Trump, roi de carnaval… ou les USA, roi du monde ?
À l’occasion du carnaval, les hiérarchies sont inversées, le serviteur commande au maître, hommes et femmes échangent leurs vêtements, la promiscuité sexuelle est de mise, toutes les règles sont bafouées.
Le roi, à la fin, est brûlé.
Et l’ordre revient.
Fête rituelle venue du fond des âges, le carnaval n’est pas un bouleversement de l’ordre social. Tout au contraire. Il a pour fonction, paradoxale, en mimant pendant le temps imparti leur destruction, de rappeler à tous les membres du groupe, quels sont les hiérarchies, les règles, les interdits, etc., qu’il convient absolument de respecter.
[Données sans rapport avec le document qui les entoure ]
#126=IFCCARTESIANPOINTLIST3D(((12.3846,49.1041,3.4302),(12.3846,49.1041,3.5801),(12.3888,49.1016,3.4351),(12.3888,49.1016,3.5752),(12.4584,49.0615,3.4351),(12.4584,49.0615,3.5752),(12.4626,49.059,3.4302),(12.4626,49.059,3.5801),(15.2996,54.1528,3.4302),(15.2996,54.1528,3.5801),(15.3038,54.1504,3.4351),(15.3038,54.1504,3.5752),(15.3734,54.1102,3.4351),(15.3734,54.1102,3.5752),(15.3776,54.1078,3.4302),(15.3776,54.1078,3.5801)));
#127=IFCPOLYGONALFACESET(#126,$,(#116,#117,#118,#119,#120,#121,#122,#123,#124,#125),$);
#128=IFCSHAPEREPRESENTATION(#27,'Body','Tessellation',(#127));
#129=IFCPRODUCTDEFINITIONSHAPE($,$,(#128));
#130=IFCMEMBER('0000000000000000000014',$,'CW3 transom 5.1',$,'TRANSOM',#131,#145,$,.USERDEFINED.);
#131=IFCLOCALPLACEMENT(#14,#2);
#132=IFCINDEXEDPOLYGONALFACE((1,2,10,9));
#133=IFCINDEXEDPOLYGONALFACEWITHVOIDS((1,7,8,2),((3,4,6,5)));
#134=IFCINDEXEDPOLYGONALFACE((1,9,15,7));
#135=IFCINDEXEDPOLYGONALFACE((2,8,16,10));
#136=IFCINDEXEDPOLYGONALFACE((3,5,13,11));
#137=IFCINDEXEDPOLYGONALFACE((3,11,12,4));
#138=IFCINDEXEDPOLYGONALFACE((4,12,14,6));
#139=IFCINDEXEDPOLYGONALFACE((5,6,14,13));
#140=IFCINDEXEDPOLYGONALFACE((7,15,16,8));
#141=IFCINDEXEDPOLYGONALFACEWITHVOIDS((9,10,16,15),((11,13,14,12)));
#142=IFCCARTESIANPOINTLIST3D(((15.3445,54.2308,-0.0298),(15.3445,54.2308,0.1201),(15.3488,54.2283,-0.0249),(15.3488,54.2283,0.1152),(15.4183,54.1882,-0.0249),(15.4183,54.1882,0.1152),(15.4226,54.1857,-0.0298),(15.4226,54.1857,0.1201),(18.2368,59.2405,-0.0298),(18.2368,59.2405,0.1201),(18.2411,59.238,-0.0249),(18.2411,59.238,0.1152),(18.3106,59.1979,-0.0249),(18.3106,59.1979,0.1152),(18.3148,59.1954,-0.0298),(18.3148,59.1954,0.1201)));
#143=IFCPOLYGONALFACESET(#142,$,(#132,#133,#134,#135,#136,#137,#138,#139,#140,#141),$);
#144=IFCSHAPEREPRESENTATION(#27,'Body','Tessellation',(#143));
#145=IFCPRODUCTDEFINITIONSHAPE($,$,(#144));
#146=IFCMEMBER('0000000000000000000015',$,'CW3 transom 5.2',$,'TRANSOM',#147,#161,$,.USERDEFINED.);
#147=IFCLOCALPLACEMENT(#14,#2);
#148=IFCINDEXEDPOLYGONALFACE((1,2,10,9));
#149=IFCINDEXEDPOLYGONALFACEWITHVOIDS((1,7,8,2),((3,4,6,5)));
Sa fonction est donc bien de redonner toute sa force à l’ordre social.
Ne vivons-nous pas, à l’échelle du monde, un carnaval géant, avec, pour roi, l’homme à la casquette rouge et aux cravates trop longues ?
Ses risibles vantardises, son mépris de toute règle, ses mensonges éhontés, ses discours décousus, ses pseudo-plans de paix, ses opérations guerrières insensées… ne sont-ils pas l’occasion, pour les commentateurs du monde entier, de rappeler doctement ce que sont, justement, à l’inverse des transgressions trumpiennes, la justice, la liberté, l’état de droit, la souveraineté des nations, le droit international, le respect des lois et des traités, de la parole donnée et de la vie humaine ?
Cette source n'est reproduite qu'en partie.